# Fake it til you fake it - Any examples of reverse engineered VSTs?



## muratkayi (May 25, 2021)

Hi,

the other day in the Sample Talk forum, I stumbled upon the advice to basically just build a multi Kontakt and drench it in reverb to get close to something like LCO textures. I once read how @Cory Pelizzari would reverse engineer something akin to Spitfire's Evo Grid in one of his youtube comments. I find these things highly exciting, learning how to use what I have better, thus also getting a deeper understanding of what it actually is I will eventually buy anyway, lol. 

So, I 'd be very happy to read of all the things you aped, faked or reverse engineered, be it FX, VSTis or the like.

I thought I might start off by my XLN RC20 lookalike that I built in Maschine. You can route audio into a whole group and save this group's fx setup with routing. I send audio in on one sound, split it filtering highs and lows and send those two signals to parallel fx chains containing whatever my favourite low-fi fx are at the time being, Reaktor Tape simulations (VHS Audio degradation and the like), tremoloes, vibratos, warbles, bitcrushers, saturators and so on. On that same group I have a bunch of sampled Vinyl noises that I can fire up through gates. I use the whole group as an FX bus and it really messes my audio up sufficiently

Anything you faked successfully?


----------



## Markrs (May 25, 2021)

Using a Leap controller using Midipaw (which is amazing and free), Unify (though it could also used just the DAW) I did some cross-fades to create a basic version of the stuff you can do with SWAM instruments. So I could crossfade between articulations, such as sul tasto, flutando, add in vibrato, whilst also changing the expression and dynamics, all in one hand movement. I also played around with adding in effects between the normal articulations at the start and/or end, a bit like Sunset Strings.

It was pretty cool, as this could be done for individual instruments rather than for ensembles. I would like to add in the ability to have a short played based on the length of the note as well. Not sure how that would be done as the DAW doesn't know the length of the note until it has been played.


----------



## Chris Harper (May 25, 2021)

I occasionally like to make homemade percussion samples using stuff around the house. Not because I have to, but just for fun and to make something unique. Plastic trash cans make nice hybrid drums. Pitch shift lower, EQ, compression, saturation and reverb usually does the trick. Draping aluminum foil over a cardboard box can make a pretty good snare with some processing. If something doesn’t sound interesting, stretch it longer or play it in reverse. Eventually, something weird will happen.

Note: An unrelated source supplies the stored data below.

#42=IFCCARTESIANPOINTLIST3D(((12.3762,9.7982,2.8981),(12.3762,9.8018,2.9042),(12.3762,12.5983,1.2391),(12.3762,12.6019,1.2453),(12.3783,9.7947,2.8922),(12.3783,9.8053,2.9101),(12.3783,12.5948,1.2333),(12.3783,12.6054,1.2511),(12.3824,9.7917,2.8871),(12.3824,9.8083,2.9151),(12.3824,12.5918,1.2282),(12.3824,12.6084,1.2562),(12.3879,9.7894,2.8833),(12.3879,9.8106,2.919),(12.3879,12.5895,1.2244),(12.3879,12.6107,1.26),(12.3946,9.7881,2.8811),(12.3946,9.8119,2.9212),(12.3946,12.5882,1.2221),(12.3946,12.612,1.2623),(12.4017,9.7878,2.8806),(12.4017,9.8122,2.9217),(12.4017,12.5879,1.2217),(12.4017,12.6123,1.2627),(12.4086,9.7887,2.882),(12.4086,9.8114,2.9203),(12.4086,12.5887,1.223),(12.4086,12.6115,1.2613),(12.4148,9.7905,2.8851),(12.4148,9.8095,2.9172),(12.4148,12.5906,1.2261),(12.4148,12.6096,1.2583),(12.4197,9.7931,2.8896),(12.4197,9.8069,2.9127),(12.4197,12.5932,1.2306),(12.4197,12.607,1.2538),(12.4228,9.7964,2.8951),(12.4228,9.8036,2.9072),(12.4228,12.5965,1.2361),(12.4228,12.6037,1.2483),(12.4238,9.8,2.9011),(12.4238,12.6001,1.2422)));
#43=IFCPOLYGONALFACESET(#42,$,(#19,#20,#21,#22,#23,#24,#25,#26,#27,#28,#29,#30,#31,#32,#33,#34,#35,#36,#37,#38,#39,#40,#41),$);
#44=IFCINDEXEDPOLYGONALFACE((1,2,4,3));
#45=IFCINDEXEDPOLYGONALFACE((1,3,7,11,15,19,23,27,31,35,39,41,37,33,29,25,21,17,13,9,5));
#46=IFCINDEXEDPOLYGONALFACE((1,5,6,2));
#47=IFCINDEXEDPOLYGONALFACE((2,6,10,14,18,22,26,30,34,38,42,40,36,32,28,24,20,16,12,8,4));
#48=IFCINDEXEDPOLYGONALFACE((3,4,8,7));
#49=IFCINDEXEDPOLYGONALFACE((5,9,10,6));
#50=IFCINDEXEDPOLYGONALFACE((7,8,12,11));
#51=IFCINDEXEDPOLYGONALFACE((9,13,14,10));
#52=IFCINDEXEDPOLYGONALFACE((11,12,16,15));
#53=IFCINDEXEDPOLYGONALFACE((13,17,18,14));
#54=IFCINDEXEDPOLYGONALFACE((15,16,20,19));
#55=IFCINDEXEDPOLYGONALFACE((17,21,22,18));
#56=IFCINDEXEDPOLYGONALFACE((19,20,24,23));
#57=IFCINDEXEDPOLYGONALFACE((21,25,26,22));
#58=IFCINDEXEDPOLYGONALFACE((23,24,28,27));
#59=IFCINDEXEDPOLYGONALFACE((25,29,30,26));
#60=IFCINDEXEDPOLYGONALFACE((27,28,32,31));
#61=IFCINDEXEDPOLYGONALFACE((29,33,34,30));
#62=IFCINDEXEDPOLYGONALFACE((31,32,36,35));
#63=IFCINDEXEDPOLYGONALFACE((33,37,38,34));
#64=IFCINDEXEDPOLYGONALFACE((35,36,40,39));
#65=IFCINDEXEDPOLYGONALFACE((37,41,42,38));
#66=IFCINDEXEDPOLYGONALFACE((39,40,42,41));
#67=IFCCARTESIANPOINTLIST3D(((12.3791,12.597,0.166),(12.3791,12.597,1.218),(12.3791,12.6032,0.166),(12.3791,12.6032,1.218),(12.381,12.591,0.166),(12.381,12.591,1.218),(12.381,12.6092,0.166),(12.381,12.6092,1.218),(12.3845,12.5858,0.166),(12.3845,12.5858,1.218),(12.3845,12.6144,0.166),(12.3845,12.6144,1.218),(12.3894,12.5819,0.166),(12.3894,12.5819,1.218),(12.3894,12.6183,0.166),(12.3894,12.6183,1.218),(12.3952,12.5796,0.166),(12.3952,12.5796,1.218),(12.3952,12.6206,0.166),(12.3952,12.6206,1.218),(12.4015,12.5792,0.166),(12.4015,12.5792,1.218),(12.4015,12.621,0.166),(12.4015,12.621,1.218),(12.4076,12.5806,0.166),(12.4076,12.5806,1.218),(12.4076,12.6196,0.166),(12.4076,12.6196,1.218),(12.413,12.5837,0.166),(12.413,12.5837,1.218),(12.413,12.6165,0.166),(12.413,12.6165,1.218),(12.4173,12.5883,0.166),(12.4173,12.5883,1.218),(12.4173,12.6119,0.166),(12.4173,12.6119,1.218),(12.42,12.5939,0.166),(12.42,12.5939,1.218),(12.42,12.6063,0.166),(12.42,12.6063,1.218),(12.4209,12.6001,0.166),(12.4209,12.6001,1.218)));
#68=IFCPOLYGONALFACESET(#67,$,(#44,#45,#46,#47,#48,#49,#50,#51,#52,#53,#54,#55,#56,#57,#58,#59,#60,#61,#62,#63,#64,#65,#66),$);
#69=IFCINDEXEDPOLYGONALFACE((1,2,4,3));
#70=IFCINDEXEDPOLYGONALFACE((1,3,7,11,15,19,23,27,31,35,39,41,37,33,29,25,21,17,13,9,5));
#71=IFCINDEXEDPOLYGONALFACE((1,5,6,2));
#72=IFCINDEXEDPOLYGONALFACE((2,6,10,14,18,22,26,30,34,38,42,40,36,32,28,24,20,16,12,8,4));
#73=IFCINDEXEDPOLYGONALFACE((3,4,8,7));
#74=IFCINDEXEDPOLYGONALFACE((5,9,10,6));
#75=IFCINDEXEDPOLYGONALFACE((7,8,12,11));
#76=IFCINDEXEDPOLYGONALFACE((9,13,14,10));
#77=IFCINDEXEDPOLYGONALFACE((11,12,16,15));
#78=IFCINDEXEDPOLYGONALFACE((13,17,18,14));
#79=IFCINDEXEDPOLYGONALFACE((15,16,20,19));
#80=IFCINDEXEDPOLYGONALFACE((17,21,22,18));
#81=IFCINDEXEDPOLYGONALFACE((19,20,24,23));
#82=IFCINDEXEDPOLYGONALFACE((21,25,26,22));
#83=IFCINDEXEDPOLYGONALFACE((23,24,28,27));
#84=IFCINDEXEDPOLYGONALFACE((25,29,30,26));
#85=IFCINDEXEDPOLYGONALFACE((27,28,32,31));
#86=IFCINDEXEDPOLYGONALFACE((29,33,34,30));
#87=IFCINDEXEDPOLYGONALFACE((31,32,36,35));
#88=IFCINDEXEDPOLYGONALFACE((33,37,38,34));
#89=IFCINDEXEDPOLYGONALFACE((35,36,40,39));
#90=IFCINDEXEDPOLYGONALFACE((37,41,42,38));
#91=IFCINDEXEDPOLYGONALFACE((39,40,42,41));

Or, for a more traditional sound, you can usually turn a mediocre drum sample into a good one with some effort. Compression with a well timed attack can make a wet drum sample sound dry. With a little EQ or dynamic EQ, you can get rid of the rest of the ringing and then build it back up however you want.

If you need more low end on a drum, just add a channel with a tone generator at 30-40Hz and put a noise gate on it. Then route the drum channel as a side chain into the noise gate so the gate opens when the drum gets hit. Adjust attack and release times to tweak it. Instant sub-bass. Bonus points if you can tune the sub to the key of the song. 

A lot of people forget about bouncing things to audio. You can chop up the audio, copy and paste it to make weird delays with just parts of the sound kind of like Billy Joel’s “Cadillac-ac—ac-ac-ac” in Moving Out. Or you can just jumble a sound up randomly.

For sound effects, I don’t bother putting it into a sampler. I just save the WAV files in a folder and drag them into other projects. For drums, I just use the sampler in my DAW, which is way simpler than messing with Kontakt.

Using several single tap delays (no feedback) stretching out longer and longer in a row with progressive low pass filters can be fun to make that “melting away” effect you hear in some synths.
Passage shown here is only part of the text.